Just hand it over to social services and refuse to be involved.

It may be that they put a charge against the flat so when DB dies/every moves out it will be sold then and pay the money back.

Irunoncoffeemascaraandhighheels · 10/07/2023 18:58

He will not engage with social services

This will not stop them assessing the situation. Or kicking him out if they find he has no legal rights to live there.

Your mum refused you POA. She refused to allow you legal responsibility to sort it out. So the solution is simple - wash your hands of it. It isn't your responsibility, in any way, to sort this out. Your mum did you a favour TBH.

So just stop worrying about it, it's literally nothing to do with you whether the place is sold or not, whether brother is kicked out or not, whether anyone pays utility bills and council tax or not.

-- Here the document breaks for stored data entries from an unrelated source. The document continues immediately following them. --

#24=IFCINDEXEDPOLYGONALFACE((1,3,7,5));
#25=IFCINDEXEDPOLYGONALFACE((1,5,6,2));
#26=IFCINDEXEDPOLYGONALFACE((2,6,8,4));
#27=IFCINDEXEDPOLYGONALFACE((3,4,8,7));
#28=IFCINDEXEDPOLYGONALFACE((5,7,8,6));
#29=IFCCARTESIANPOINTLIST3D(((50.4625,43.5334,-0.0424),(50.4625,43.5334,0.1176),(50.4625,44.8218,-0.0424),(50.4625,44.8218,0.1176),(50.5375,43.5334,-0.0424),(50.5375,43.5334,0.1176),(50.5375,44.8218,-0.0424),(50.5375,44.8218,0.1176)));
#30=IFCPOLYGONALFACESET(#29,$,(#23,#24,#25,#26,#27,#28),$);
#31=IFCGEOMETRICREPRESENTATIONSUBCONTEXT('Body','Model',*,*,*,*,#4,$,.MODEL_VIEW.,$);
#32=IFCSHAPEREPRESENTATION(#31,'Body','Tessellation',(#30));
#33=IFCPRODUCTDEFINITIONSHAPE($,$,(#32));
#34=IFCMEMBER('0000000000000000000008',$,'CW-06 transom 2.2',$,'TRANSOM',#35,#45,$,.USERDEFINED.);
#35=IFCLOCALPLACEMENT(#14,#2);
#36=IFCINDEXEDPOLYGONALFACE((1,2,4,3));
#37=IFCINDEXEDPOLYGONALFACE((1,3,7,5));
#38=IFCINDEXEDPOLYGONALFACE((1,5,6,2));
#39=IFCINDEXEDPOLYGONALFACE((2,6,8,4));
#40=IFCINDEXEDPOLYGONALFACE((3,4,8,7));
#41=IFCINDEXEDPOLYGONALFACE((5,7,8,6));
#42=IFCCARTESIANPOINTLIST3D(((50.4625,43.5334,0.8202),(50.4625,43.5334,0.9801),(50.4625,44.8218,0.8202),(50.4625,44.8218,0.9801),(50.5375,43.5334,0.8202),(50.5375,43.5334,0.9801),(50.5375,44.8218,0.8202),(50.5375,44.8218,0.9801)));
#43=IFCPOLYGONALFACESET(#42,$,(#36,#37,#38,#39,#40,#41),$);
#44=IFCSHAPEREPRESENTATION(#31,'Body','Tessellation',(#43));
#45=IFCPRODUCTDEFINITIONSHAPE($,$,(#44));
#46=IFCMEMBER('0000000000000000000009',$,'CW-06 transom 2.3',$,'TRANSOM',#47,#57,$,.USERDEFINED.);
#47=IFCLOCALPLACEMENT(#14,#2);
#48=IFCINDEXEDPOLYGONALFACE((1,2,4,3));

Utility/council debts will be your mum's, not yours, and if she's in a care home with no income it doesn't matter if they take her to court and win even, they're still not getting paid. Her debts or CCJ's don't matter, she's not going to be applying for credit any time soon.

Don't even bother telling the utilities etc your mum's in a care home, you don't have to give them that information, it's nothing to do with you. If they send debt letters ignore them, they're your mum's letters, not yours. New owners can tell them she no longer lives there, it won't impact on them either because it's not their debts. If utilities are cut off that's your brother's issue to sort out if he's still living there or new owners issue to sort out when they move in.

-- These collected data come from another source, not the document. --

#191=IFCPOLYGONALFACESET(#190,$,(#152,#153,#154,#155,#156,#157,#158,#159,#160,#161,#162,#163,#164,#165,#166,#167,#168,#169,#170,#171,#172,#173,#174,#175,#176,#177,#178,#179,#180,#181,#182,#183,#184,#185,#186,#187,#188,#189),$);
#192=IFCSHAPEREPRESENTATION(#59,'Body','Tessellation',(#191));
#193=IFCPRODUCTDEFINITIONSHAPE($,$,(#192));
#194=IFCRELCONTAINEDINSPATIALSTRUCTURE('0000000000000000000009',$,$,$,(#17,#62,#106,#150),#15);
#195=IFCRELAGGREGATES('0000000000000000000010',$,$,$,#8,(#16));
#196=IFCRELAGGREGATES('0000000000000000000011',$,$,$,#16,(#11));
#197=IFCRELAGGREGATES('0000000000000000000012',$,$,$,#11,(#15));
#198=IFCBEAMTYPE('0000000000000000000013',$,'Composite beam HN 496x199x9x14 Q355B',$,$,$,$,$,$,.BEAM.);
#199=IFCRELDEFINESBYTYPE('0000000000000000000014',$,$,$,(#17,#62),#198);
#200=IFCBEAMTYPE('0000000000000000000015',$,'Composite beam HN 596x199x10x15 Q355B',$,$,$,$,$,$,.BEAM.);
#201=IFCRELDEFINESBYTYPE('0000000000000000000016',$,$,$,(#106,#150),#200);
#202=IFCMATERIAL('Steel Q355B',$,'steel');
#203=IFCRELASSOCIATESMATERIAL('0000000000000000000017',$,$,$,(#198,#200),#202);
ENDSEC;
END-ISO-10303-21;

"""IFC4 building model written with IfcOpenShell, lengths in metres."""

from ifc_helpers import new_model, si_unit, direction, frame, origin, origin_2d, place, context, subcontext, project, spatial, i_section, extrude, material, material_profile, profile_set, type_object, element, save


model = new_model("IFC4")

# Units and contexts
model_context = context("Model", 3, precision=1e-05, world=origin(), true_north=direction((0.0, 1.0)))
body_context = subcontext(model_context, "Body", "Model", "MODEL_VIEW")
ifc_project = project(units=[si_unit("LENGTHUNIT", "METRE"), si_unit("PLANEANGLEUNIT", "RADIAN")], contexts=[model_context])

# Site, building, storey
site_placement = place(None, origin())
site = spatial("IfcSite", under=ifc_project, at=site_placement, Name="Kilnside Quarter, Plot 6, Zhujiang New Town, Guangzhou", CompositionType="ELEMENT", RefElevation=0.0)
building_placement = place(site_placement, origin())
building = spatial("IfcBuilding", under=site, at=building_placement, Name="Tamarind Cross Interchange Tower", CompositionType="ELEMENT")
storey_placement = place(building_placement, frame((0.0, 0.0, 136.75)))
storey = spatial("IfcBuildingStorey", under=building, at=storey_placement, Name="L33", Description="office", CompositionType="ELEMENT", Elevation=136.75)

Pansypotter123 · 10/07/2023 19:14

Has your brother any diagnosed ongoing medical condition which might enable him to stay put or is he just a free loader. He's obviously held down a job in the past as he now has his lump sum and pension.

You will need to check the Scottish legal position re 10 years residence and whether what you have been told is true. Can he prove that he has lived there that long?

Chocchops72 · 10/07/2023 20:58

https://careinfoscotland.scot/topics/care-homes/paying-care-home-fees/property-disregard/

this link seems to provide some of the info you are looking for. If your brother is over 60, if he can claim that he provided a lot of care for your mum, if he’s receiving certain benefits or if he can otherwise convince ss that he should stay and the property be disregarded…

but I agree with the other posts: you don’t necessarily have to catch this ball even if it bounces towards you.

Property disregard | Care Information Scotland

​The value of your property may be disregarded when your local council assesses how much you need to pay towards your care home fees. Learn about property disregard and if it applies to you.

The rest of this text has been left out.